Diagnostik des Spannungskopfschmerzes
Der Spannungskopfschmerz lässt sich differenzialdiagnostisch von der Migräne unterscheiden (Tab. 2). Er ist gekennzeichnet durch wiederkehrende Episoden eines Kopfschmerzes von leichter bis mittelschwerer Intensität, der wenige Minuten bis einige Tage lang dauern kann. Der Schmerz ist typischerweise dumpf, drückend oder ziehend, beidseitig lokalisiert und verstärkt sich nicht bei körperlicher Aktivität. Begleitsymptome wie Übelkeit, Erbrechen, Photophobie oder Phonophobie sind entweder nicht vorhanden oder nur minimal ausgeprägt.
Die Kopfschmerzen treten gelegentlich bis täglich auf. Man unterscheidet zwischen
- episodischen Spannungskopfschmerz bei einer Frequenz von weniger als 180 Kopfschmerztagen pro Jahr und
- chronischen Spannungskopfschmerz bei einer Frequenz von mehr als 180 Kopfschmerztagen pro Jahr.

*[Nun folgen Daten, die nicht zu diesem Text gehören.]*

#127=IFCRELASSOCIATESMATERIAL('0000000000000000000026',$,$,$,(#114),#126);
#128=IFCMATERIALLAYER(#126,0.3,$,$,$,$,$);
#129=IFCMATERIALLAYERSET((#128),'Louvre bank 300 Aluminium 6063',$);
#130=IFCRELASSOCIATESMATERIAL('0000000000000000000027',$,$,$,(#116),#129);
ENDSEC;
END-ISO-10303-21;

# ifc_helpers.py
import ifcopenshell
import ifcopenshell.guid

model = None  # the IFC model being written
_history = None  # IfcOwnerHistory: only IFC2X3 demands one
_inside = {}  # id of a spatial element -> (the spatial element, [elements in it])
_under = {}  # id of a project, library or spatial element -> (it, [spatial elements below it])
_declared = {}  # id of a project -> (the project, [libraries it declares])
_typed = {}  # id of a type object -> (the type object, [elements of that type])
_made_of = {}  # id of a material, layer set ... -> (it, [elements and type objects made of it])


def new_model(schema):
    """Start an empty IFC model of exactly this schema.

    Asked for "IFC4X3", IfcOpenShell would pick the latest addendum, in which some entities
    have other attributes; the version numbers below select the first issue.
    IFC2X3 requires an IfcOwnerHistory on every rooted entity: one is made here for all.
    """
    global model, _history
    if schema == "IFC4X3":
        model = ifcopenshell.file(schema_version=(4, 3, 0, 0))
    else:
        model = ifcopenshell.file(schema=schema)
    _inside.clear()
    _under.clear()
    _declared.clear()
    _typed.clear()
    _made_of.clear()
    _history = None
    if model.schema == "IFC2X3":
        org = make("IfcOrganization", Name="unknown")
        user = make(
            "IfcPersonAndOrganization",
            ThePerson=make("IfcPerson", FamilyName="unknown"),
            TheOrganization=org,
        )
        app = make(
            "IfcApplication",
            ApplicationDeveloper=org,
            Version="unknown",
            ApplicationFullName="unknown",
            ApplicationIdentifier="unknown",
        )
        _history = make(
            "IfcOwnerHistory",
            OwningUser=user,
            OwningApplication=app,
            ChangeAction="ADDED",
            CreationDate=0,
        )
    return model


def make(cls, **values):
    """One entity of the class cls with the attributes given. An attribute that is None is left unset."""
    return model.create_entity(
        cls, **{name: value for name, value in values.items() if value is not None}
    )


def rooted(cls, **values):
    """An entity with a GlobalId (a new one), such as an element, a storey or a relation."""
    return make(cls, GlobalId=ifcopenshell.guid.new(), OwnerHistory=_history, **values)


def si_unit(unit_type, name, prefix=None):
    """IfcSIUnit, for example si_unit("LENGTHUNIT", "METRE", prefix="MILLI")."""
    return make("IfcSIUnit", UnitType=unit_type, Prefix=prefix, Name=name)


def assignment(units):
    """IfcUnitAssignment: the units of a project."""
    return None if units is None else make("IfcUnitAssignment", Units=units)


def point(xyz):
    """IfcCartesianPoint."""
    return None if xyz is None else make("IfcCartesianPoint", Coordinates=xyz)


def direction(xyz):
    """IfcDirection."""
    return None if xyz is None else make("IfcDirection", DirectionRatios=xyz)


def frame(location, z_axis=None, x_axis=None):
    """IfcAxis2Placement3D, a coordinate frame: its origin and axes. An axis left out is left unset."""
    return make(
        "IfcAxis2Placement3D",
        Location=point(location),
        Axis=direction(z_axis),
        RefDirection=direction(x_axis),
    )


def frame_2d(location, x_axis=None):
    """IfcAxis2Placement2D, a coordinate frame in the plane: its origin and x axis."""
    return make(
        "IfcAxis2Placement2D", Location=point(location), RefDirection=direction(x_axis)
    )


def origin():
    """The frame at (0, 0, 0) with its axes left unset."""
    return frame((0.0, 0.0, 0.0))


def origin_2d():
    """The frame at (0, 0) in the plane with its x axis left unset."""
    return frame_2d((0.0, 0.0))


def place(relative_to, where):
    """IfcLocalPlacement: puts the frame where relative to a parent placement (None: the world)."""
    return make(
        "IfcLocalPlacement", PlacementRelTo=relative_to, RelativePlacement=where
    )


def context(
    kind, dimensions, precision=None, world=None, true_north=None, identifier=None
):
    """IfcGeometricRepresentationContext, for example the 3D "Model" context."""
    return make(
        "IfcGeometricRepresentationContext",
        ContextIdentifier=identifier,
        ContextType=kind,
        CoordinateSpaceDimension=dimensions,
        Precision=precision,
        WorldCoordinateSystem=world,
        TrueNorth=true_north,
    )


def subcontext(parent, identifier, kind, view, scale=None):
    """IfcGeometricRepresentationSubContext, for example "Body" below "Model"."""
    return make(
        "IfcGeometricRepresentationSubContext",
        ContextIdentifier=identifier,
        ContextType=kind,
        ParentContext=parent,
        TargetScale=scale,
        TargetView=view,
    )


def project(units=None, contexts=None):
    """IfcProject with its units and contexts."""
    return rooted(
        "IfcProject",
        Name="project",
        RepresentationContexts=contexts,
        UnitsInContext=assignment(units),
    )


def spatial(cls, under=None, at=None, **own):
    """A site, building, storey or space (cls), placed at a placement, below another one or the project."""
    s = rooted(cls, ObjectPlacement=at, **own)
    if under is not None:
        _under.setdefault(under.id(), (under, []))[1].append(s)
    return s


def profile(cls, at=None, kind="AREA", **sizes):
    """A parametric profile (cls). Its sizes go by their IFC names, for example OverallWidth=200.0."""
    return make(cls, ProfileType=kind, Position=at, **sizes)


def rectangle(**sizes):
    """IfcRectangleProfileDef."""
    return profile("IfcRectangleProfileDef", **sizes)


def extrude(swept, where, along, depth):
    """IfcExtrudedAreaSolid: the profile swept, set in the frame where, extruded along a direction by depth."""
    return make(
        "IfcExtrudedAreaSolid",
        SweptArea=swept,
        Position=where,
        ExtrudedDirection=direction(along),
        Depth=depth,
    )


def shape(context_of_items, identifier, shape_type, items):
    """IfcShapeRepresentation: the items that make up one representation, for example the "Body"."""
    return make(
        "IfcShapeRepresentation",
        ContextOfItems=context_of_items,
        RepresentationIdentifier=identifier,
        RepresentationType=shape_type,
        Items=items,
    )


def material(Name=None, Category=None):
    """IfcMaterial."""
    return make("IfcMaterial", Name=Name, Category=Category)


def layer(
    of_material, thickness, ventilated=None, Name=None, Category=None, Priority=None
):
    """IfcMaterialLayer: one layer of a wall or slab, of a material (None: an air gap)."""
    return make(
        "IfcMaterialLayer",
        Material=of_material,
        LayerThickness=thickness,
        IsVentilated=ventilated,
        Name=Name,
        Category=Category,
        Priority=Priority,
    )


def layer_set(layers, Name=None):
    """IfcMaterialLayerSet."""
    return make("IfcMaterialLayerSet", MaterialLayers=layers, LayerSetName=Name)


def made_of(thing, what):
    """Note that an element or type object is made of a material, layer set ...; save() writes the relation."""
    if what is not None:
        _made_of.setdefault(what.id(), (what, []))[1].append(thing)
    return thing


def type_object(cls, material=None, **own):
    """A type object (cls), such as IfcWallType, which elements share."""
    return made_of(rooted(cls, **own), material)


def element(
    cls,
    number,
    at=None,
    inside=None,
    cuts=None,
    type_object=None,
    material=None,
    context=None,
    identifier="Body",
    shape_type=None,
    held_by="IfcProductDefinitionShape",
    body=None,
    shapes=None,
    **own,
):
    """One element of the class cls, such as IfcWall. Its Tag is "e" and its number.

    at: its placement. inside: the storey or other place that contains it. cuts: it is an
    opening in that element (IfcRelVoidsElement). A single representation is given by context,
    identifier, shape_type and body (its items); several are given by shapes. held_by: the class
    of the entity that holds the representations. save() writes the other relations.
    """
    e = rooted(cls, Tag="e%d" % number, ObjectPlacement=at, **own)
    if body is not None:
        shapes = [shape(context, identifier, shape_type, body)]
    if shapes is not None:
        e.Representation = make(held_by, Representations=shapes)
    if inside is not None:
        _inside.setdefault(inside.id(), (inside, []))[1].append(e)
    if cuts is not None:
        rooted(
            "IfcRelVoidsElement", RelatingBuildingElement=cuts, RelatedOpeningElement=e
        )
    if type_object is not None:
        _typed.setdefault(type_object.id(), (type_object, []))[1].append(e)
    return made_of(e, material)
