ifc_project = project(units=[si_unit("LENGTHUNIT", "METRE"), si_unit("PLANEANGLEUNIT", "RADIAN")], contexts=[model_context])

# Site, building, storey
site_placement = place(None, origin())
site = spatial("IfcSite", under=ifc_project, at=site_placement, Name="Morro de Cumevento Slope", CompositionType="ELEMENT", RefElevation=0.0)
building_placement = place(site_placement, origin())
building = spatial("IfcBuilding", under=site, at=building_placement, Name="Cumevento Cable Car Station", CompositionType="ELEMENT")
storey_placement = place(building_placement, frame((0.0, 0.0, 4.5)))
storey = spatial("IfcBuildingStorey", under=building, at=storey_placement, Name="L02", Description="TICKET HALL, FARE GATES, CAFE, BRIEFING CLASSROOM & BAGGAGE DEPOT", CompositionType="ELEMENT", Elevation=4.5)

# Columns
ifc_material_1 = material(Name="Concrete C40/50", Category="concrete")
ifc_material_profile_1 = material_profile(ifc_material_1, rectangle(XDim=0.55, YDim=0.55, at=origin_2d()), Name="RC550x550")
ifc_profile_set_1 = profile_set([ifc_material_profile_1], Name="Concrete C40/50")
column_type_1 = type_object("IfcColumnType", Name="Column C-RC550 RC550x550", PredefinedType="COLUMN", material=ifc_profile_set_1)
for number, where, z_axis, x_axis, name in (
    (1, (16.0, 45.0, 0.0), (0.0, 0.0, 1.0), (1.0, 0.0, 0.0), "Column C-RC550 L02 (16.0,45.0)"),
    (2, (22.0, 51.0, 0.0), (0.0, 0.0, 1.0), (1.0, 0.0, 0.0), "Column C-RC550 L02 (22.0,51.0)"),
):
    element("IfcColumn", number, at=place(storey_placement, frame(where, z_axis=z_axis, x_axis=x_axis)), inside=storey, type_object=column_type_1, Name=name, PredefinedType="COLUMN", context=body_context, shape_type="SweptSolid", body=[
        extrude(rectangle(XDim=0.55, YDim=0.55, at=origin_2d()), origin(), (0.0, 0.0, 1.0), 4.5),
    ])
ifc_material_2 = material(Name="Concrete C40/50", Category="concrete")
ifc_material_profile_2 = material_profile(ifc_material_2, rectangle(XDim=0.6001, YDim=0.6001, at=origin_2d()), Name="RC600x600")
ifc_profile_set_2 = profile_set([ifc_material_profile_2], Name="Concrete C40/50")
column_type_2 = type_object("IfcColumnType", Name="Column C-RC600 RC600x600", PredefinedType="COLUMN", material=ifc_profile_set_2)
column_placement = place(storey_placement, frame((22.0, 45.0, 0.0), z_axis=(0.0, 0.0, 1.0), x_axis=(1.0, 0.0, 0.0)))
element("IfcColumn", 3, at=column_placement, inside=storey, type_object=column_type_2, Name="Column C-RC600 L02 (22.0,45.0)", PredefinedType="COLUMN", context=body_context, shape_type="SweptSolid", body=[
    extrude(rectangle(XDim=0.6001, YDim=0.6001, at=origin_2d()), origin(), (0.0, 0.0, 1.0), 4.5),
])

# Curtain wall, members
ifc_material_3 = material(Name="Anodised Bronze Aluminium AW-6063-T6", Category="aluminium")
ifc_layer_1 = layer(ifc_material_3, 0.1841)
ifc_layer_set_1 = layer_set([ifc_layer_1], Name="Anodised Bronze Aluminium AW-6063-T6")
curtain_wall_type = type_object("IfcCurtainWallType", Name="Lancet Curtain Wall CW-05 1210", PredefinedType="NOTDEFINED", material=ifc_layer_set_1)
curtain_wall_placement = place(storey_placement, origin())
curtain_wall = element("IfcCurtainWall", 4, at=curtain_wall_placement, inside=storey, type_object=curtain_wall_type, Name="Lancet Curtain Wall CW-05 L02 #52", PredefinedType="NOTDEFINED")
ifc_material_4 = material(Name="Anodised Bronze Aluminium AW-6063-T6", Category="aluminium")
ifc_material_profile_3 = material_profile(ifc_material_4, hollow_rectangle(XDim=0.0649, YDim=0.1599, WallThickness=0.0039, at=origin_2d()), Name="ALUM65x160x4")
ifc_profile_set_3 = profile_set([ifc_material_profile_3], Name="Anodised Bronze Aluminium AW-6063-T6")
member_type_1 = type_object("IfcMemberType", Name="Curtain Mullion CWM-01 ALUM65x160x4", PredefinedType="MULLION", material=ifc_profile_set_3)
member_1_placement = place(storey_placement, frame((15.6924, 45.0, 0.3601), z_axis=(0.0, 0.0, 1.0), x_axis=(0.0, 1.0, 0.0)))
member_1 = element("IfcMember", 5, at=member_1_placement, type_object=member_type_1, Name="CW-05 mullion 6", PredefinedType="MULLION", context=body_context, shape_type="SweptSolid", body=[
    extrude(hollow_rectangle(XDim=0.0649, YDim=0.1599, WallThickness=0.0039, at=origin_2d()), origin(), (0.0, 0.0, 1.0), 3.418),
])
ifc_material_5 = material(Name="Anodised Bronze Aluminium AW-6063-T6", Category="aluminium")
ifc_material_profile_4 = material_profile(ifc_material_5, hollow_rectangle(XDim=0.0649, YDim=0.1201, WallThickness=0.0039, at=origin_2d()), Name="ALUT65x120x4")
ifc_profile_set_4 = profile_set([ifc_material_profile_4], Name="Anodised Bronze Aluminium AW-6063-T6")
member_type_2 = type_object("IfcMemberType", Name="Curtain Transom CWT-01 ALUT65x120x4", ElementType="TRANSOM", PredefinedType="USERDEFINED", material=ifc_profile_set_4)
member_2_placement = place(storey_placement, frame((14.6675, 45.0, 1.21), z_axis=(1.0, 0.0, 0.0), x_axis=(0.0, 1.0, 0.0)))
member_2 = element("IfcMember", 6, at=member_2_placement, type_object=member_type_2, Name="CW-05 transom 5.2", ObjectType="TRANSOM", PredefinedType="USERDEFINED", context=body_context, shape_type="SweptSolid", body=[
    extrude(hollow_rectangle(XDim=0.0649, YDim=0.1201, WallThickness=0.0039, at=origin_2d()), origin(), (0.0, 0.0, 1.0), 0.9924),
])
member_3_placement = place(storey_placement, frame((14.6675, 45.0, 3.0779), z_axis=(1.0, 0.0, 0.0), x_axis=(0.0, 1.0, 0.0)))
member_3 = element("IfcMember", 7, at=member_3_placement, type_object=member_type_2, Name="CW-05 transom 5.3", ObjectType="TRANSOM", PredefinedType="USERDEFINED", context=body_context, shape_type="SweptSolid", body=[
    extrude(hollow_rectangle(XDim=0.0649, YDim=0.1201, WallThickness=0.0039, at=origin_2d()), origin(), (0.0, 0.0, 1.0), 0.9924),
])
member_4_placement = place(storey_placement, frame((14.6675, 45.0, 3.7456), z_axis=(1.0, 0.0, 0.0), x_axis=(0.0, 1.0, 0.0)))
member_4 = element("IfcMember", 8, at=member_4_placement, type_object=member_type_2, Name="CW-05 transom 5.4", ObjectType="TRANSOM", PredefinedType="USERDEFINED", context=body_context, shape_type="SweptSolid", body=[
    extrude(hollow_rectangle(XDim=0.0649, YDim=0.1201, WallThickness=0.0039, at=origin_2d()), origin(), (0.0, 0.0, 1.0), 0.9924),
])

Nur etwa 3% der Gesamtbevölkerung erkranken in ihrem Leben an chronischem Kopfschmerz vom Spannungstyp, aber 20 bis 30% an episodischem Kopfschmerz vom Spannungstyp (Lebenszeitprävalenz). Frauen sind etwa anderthalbmal so häufig betroffen wie Männer (1,5 : 1). Die Prävalenz steigt bei Frauen und Männern mit zunehmendem Lebensalter [2].
Design der aktuellen Studie
Als Mittel zur Behandlung des Spannungskopfschmerzes bei gelegentlichem Auftreten und kurzer Dauer werden von der Deutschen Migräne- und Kopfschmerzgesellschaft (DMKG) peripher wirkende Analgetika wie Acetylsalicylsäure oder Paracetamol in einer Einzeldosis von 500 bis 1000 mg empfohlen. Entsprechende plazebokontrollierte Studien, die heutigen methodologischen Ansprüchen genügen, sind jedoch selten [3 – 5]. Erst 1995 hat die IHS Richtlinien für die Durchführung solcher Studien veröffentlicht [6], die nun in einer Studie realisiert worden sind [7].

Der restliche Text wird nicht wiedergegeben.